The company is a global enterprise company with no staging server, no
development server, everything is pushed to production. Source control is
sending an email out with a zipped file of today's changes.

They're good developers, it's just that they're too busy being busy to develop
anything.

------
hackermailman
Teach them by doing code reviews together. By doing this you become a better
developer yourself and at the same time prevent your product from sinking and
you getting sacked because nobody in management wants to hear your complaints
about another coworker they want you to figure it out yourselves. Keep
documentation of everything you had to rewrite to ensure high standards are
kept then use these records to demand a raise/promotion later instead of
telling management you want to be moved.

------
arenaninja
I'm on my second job where I work with people like that.

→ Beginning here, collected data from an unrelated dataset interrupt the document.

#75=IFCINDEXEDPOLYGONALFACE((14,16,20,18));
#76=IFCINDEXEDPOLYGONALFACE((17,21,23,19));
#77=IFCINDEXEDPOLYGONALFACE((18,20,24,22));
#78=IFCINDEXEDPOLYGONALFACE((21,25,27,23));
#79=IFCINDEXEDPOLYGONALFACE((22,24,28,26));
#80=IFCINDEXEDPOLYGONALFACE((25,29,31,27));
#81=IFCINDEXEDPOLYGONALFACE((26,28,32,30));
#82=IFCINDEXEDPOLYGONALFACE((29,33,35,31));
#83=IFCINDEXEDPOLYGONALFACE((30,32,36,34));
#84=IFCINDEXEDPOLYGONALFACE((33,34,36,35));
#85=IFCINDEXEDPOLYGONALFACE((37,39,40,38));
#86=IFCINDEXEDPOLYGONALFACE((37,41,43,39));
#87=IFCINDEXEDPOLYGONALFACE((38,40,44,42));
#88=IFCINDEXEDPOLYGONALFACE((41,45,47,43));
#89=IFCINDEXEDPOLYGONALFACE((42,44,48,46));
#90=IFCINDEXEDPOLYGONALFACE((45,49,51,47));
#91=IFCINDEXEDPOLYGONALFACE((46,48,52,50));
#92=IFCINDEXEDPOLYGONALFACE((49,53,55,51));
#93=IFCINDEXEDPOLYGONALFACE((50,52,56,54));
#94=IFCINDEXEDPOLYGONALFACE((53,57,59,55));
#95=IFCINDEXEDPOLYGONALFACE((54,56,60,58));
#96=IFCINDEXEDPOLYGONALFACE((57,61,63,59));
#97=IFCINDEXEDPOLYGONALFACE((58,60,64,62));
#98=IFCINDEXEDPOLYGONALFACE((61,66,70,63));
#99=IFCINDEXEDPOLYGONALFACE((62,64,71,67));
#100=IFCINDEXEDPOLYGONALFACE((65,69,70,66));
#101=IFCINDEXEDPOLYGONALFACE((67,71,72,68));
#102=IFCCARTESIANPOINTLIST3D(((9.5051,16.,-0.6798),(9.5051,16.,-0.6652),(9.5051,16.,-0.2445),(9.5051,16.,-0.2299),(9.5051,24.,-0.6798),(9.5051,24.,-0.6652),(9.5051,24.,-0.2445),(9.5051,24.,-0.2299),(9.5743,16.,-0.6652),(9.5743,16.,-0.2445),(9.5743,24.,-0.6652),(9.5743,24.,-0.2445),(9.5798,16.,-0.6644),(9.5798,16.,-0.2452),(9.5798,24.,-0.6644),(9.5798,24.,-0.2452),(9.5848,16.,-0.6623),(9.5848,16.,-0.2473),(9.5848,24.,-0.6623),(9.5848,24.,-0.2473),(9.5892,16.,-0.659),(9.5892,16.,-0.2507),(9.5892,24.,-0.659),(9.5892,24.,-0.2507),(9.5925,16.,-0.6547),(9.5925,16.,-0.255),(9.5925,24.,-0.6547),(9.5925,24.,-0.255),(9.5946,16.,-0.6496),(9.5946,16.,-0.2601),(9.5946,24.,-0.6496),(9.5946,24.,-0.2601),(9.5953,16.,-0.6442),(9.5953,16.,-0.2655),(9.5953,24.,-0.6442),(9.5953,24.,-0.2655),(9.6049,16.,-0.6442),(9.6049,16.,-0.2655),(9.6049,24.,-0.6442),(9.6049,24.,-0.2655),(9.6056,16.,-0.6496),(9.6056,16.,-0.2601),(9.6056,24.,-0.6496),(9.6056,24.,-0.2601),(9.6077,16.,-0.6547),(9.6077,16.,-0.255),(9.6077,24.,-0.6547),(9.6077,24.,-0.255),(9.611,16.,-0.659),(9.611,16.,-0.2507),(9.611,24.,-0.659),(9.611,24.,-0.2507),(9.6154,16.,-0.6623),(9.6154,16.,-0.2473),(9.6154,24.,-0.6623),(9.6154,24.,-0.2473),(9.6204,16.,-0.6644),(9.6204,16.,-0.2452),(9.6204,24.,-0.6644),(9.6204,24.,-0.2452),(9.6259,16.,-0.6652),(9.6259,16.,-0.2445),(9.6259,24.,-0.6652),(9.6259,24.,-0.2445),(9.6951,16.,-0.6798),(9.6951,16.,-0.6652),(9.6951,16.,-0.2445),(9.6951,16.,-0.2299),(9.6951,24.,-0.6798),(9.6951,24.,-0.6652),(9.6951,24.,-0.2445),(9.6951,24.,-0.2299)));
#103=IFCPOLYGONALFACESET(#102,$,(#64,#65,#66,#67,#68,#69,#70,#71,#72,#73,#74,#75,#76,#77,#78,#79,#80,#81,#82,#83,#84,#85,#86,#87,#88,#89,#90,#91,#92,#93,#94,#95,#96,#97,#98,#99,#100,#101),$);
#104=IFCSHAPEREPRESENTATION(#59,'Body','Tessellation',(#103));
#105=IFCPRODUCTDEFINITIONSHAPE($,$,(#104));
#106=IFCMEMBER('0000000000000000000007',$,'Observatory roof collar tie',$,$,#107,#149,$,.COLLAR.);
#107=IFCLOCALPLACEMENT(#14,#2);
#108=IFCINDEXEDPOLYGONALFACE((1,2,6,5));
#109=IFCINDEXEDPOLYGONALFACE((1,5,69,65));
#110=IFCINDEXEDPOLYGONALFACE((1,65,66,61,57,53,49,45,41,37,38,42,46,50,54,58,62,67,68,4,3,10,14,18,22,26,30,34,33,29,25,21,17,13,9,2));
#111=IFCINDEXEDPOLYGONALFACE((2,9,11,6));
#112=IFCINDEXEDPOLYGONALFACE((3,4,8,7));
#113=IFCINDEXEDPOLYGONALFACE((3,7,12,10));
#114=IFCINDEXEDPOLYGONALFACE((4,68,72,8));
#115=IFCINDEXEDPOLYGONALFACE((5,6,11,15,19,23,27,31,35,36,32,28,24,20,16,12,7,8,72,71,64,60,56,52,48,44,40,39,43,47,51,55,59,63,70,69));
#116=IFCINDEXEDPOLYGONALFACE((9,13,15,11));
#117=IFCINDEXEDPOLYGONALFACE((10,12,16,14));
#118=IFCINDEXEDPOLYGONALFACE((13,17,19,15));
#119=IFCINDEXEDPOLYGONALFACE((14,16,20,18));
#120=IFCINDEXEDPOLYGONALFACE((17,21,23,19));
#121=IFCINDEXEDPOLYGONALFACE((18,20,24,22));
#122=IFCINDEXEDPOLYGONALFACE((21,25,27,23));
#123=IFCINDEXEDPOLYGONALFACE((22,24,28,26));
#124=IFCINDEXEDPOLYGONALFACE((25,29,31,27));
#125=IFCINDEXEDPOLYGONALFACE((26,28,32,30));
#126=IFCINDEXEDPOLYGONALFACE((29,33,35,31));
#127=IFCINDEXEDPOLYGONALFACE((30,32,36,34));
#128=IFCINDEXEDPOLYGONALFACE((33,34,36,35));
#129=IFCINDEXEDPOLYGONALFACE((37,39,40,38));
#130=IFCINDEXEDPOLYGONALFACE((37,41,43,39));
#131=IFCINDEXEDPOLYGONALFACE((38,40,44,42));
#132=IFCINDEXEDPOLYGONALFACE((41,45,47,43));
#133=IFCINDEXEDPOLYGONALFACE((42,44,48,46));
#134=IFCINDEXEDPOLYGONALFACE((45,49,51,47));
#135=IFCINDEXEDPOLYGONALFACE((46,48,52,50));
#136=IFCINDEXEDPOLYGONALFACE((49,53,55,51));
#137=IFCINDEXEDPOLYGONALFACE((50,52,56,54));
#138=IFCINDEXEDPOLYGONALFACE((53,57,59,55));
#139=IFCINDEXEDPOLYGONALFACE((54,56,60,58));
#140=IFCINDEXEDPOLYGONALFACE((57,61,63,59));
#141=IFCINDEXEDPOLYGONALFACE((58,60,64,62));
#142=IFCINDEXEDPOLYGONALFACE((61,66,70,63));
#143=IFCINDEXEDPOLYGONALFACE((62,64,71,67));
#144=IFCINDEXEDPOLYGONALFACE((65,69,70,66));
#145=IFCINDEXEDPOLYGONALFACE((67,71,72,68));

The first time, the dude was promoted to manager of the department after our
manager was fired for missing a pretty big deadline (massive scope creep, very
poor project management). He was very good at cultivating relationships and
throwing people under the bus when it suited him. Everyone hated him by the
time I left, I hated him first because he was a charlatan though, he'd
complain about the API I was building but when pressed for the JSON payload
he'd prefer instead he took literally weeks to not provide it while still
complaining (and emailing our manager DAILY) about this.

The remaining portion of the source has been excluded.